In a sense, that’s little more than an extension of what’s been done for years with turbines. And all manufacturers would argue that they’ve worked hard to harness exhaust energy to maintain heat in their Euro 6 aftertreatment systems. But both are a far cry from the Rankine cycle, which could eventually be worth some 4—5% fuel saving, assuming the truck’s duty cycle delivers a consistent and adequate waste heat energy source.
Noble sees the possibility of early adopters but emphasises that you’re looking at a complex technology involving an expander – reciprocating or turbine – at the front end capable of reliably recovering enough thermodynamic energy. “There are bound to be challenges, at least in terms of system control and cost, so this is one of the last technologies mainstream engine designers are likely to adopt.”
Choices and units of measure
Whatever the outcome from Brussels around ‘Euro 7’, in terms of CO2 engine emissions limits, the industry is equally concerned about proposed measures. As Iveco product director Martin Flach puts it: “None of us wants to see copy and paste job that simply mimics the car CO2 emissions measures. That’s where current van gm/km CO2 emissions data is so wrong. It’s meaningless and it’s also misleading.”
Flach explains that for CO2 numbers to make any sense in transport, the industry needs any measurement to recognise a ‘utility factor’, such as tonnes or cube of goods carried. “A small car may weigh half a tonne and show 100gm/kn CO2, but that equates to 200gm/tonne.km. A raw CO2 figure for an artic would obviously be worse, but take account of goods carried and a realistic measure would show, say, 30gm/tonne.km.”
That proves what we already know: moving goods around in bulk on low numbers of vehicles is greener than using shed loads of small vans. And note that the EU’s VECTO (Vehicle Energy consumption Calculation Tool) – aimed at helping purchasers predict CO2 emissions – may also be of limited use. Its essential dependence on simulation (to handle commercial vehicles’ massive numbers of relevant permutations) inevitably means assumptions and hence inaccuracies.
But there’s another related point – and that concerns which emissions should be mandated where. Given the trade-off between NOx and CO2, surely it makes sense to think outside the box? “Legislators and politicians just don’t seem to understand,” argues Flach. “If you drive into London, you get a congestion charge reduction for vehicles with low CO2 emissions – but that’s an indicator of global warming not air quality in London.”

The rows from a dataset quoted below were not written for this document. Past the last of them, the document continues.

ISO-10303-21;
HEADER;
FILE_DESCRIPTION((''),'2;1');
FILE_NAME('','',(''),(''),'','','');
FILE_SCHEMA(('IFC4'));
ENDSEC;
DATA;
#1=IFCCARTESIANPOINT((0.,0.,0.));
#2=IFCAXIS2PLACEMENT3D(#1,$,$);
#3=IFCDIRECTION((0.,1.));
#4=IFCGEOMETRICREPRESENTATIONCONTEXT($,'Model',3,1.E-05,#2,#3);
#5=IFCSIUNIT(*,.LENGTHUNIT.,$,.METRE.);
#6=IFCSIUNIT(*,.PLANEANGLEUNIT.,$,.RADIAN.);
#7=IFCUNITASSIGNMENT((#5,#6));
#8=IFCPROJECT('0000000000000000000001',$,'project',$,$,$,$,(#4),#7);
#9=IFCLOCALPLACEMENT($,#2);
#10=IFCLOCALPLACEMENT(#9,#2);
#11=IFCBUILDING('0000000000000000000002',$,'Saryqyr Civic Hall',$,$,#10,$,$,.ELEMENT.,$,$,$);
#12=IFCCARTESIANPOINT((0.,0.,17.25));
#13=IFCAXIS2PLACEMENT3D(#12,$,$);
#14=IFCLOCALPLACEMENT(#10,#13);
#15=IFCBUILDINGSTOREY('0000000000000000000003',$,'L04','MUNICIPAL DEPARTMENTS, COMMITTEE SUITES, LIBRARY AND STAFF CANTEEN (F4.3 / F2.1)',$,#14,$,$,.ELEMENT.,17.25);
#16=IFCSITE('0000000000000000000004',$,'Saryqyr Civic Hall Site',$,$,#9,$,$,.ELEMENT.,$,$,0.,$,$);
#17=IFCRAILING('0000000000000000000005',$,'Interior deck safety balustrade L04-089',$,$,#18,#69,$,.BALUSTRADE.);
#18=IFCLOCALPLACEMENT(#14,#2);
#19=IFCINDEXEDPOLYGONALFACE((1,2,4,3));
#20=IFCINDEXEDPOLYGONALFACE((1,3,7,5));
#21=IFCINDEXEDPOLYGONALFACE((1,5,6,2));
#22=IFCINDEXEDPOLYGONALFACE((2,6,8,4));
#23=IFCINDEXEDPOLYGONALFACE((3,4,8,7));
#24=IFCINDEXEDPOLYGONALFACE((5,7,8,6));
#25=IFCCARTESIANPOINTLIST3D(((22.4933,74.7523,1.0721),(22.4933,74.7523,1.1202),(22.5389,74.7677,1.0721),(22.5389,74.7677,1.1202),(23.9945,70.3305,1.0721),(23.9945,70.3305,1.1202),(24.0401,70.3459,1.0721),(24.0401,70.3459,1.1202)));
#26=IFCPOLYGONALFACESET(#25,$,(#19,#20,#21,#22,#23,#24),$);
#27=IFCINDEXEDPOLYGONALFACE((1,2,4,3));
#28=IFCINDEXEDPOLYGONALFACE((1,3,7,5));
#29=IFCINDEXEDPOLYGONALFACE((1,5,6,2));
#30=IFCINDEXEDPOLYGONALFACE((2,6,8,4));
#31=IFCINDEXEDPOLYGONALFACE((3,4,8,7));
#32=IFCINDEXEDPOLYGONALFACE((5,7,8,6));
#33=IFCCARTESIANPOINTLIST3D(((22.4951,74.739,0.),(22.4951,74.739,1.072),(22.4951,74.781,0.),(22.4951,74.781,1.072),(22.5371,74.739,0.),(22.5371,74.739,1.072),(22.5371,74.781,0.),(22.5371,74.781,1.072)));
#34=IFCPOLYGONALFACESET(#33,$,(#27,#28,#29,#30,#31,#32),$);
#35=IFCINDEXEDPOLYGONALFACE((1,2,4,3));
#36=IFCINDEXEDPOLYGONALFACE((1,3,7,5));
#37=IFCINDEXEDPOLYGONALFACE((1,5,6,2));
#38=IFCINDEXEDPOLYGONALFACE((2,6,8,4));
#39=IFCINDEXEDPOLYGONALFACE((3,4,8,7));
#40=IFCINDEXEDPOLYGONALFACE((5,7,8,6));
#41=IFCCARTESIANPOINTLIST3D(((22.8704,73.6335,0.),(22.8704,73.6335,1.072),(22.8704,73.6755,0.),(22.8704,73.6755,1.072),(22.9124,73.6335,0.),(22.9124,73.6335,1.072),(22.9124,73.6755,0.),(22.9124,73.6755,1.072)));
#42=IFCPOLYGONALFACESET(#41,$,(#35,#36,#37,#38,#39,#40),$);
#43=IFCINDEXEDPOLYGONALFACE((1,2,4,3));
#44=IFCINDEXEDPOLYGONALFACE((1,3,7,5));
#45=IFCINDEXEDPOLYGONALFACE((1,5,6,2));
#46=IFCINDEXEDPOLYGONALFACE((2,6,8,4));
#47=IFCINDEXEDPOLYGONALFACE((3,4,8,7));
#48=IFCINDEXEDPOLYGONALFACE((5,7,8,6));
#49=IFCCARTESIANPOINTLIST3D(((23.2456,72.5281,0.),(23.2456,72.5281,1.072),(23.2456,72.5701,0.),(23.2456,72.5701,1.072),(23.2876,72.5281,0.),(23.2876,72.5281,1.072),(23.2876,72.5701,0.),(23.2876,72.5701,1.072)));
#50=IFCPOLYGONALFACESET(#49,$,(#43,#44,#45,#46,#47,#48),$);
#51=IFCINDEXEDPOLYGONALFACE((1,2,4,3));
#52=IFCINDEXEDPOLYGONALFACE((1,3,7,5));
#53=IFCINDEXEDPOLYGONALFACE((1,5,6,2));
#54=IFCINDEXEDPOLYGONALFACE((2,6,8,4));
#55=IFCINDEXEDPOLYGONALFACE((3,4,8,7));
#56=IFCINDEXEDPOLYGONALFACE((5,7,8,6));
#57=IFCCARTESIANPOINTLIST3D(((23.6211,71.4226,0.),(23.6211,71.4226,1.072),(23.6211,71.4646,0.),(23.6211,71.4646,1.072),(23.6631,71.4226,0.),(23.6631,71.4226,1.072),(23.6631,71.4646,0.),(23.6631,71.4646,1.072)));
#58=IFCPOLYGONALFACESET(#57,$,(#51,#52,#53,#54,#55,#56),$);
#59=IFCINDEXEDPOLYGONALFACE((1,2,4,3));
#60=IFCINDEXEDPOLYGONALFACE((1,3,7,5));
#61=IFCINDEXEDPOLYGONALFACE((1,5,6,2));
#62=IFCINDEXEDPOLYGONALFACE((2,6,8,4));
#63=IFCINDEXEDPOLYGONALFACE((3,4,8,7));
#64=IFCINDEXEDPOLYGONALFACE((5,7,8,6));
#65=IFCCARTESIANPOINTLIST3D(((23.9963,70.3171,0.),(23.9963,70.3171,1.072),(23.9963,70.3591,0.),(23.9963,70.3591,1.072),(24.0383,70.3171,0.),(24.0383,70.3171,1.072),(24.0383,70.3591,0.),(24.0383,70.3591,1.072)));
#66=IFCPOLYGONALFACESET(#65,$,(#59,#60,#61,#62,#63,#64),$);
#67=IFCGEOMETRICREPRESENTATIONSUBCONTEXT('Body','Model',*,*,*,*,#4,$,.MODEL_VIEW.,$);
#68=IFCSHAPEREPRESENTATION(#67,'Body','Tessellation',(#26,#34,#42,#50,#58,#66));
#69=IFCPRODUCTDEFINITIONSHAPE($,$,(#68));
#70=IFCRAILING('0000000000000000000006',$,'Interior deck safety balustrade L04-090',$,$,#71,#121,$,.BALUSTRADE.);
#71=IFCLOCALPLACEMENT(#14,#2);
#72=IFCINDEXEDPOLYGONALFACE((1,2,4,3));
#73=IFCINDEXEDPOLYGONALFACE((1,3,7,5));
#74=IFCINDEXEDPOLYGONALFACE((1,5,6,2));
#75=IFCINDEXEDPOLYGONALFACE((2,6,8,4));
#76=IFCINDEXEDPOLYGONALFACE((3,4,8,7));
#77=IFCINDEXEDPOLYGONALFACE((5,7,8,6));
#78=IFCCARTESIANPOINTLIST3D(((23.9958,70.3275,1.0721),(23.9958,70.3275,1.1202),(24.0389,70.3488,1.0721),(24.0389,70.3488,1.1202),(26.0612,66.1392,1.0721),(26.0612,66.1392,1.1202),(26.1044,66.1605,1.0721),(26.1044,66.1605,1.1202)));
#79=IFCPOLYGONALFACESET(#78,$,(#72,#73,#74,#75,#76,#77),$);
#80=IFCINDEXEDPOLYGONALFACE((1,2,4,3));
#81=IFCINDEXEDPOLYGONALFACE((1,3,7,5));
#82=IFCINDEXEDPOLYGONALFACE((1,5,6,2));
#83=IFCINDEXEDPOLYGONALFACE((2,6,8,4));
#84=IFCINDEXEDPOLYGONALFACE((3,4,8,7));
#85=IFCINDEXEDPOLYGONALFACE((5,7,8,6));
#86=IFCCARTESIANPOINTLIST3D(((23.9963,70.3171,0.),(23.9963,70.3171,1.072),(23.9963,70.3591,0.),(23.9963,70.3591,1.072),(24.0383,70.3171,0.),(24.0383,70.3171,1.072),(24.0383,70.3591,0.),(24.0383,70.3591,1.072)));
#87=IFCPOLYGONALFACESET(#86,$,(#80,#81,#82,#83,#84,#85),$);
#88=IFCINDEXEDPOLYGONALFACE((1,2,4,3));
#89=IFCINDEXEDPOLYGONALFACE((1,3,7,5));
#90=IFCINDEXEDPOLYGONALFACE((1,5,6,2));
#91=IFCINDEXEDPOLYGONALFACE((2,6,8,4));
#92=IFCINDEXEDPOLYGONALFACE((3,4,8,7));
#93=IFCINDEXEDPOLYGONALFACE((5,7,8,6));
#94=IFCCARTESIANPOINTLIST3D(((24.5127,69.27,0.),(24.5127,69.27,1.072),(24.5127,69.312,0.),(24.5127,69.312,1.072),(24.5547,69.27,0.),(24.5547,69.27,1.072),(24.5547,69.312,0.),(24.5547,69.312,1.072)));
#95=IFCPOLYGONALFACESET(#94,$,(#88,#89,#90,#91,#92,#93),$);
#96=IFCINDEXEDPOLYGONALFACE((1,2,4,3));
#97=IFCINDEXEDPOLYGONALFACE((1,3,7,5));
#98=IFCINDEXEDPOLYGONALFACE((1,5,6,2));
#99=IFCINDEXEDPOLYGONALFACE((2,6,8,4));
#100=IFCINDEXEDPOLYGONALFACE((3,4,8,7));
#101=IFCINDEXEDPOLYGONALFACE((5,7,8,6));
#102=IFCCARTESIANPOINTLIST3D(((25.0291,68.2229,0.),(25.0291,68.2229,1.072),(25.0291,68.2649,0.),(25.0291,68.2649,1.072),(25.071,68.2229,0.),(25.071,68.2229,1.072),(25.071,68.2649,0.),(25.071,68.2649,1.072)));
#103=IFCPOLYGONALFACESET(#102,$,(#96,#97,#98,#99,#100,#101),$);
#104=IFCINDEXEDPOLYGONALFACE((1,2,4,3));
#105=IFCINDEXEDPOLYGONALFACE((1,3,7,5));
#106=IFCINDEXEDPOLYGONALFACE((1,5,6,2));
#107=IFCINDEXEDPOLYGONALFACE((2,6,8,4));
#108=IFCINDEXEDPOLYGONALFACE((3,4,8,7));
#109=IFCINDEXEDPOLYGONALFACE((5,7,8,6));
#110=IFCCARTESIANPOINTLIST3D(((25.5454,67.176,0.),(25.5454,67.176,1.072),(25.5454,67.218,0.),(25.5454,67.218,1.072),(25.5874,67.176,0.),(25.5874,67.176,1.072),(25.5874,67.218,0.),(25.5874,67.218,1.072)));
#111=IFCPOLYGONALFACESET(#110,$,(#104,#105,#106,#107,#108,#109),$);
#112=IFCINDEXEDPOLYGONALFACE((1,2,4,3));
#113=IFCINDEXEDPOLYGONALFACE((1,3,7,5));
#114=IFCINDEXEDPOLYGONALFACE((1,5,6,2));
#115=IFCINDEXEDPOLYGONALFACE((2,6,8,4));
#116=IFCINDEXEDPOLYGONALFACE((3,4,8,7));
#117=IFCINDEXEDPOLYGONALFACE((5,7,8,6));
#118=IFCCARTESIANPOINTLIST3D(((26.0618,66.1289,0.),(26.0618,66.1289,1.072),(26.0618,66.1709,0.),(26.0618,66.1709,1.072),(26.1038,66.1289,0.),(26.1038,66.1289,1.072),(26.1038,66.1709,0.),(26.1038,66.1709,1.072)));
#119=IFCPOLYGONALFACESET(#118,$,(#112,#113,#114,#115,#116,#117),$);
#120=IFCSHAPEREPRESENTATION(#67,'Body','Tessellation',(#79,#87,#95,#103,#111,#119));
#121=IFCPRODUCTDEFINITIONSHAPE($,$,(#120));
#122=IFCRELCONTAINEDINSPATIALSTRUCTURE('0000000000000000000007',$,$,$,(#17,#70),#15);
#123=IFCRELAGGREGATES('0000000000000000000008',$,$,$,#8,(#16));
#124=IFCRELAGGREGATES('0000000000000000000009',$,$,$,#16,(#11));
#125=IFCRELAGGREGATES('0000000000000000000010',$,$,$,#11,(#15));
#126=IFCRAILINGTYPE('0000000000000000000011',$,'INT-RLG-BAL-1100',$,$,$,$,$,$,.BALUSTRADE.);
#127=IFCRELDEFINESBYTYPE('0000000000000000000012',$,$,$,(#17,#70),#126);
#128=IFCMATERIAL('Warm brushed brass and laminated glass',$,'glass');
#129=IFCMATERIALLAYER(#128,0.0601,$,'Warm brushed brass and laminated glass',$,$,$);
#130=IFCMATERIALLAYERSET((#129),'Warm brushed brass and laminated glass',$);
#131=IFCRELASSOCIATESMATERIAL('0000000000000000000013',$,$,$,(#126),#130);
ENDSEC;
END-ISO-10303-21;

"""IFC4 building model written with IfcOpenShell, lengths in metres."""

from ifc_helpers import new_model, si_unit, direction, frame, origin, origin_2d, place, context, subcontext, project, spatial, rectangle, extrude, material, layer, layer_set, type_object, element, save


model = new_model("IFC4")

# Units and contexts
model_context = context("Model", 3, precision=1e-05, world=origin(), true_north=direction((0.0, 1.0)))
body_context = subcontext(model_context, "Body", "Model", "MODEL_VIEW")
ifc_project = project(units=[si_unit("LENGTHUNIT", "METRE"), si_unit("PLANEANGLEUNIT", "RADIAN")], contexts=[model_context])

# Site, building, storey
site_placement = place(None, origin())
site = spatial("IfcSite", under=ifc_project, at=site_placement, Name="Saryqyr Civic Hall Site", CompositionType="ELEMENT", RefElevation=0.0)
building_placement = place(site_placement, origin())
building = spatial("IfcBuilding", under=site, at=building_placement, Name="Saryqyr Civic Hall", CompositionType="ELEMENT")
storey_placement = place(building_placement, frame((0.0, 0.0, 17.25)))
storey = spatial("IfcBuildingStorey", under=building, at=storey_placement, Name="L04", Description="MUNICIPAL DEPARTMENTS, COMMITTEE SUITES, LIBRARY AND STAFF CANTEEN (F4.3 / F2.1)", CompositionType="ELEMENT", Elevation=17.25)

# Railings
ifc_material_1 = material(Name="Warm brushed brass and laminated glass", Category="glass")
ifc_layer_1 = layer(ifc_material_1, 0.0601, Name="Warm brushed brass and laminated glass")
ifc_layer_set_1 = layer_set([ifc_layer_1], Name="Warm brushed brass and laminated glass")
railing_type = type_object("IfcRailingType", Name="INT-RLG-BAL-1100", PredefinedType="BALUSTRADE", material=ifc_layer_set_1)
railing_1_placement = place(storey_placement, frame((22.5161, 74.76, 0.0)))
element("IfcRailing", 1, at=railing_1_placement, inside=storey, type_object=railing_type, Name="Interior deck safety balustrade L04-089", PredefinedType="BALUSTRADE", context=body_context, shape_type="SweptSolid", body=[
    extrude(rectangle(XDim=0.0481, YDim=0.0481, at=origin_2d()), frame((0.0, 0.0, 1.0962), z_axis=(0.321477, -0.946917, 0.0), x_axis=(0.946917, 0.321477, 0.0)), (0.0, 0.0, 1.0), 4.6697),
    extrude(rectangle(XDim=0.042, YDim=0.042, at=origin_2d()), origin(), (0.0, 0.0, 1.0), 1.072),
    extrude(rectangle(XDim=0.042, YDim=0.042, at=origin_2d()), frame((0.3752, -1.1055, 0.0)), (0.0, 0.0, 1.0), 1.072),
    extrude(rectangle(XDim=0.042, YDim=0.042, at=origin_2d()), frame((0.7505, -2.2109, 0.0)), (0.0, 0.0, 1.0), 1.072),
    extrude(rectangle(XDim=0.042, YDim=0.042, at=origin_2d()), frame((1.126, -3.3164, 0.0)), (0.0, 0.0, 1.0), 1.072),
    extrude(rectangle(XDim=0.042, YDim=0.042, at=origin_2d()), frame((1.5012, -4.4219, 0.0)), (0.0, 0.0, 1.0), 1.072),
])
railing_2_placement = place(storey_placement, frame((24.0173, 70.3381, 0.0)))
element("IfcRailing", 2, at=railing_2_placement, inside=storey, type_object=railing_type, Name="Interior deck safety balustrade L04-090", PredefinedType="BALUSTRADE", context=body_context, shape_type="SweptSolid", body=[
    extrude(rectangle(XDim=0.0481, YDim=0.0481, at=origin_2d()), frame((0.0, 0.0, 1.0962), z_axis=(0.442292, -0.896871, 0.0), x_axis=(0.896871, 0.442292, 0.0)), (0.0, 0.0, 1.0), 4.6699),
    extrude(rectangle(XDim=0.042, YDim=0.042, at=origin_2d()), origin(), (0.0, 0.0, 1.0), 1.072),
    extrude(rectangle(XDim=0.042, YDim=0.042, at=origin_2d()), frame((0.5164, -1.0471, 0.0)), (0.0, 0.0, 1.0), 1.072),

So if we’re serious about both issues, why not refocus the penalties and incentives? For Flach and many others, low NOx and particulates in cities – as per the LEZ (Low Emission Zone) and ultimately ULEZ (Ultra Low Emission Zone) – is a good way to go. But equally, low CO2 (accepting slightly higher NOx and particulates) ought to be the target for freight on motorways, where mileages are high, so the impact on fossil fuels and the ozone layer greatest.
And by way of addendum, DAF marketing manager Phil Moon notes that extending delivery periods – taking advantage of PIEK-certified quieter truck engines and bodies – would reduce both CO2 and pollutants. “Running large vehicles into urban environments, but outside peak times minimises congestion, is the most efficient and environmentally friendly way to deliver goods. Not only are all emissions minimised, because vehicles don’t get stuck in traffic, but also congestion is reduced.”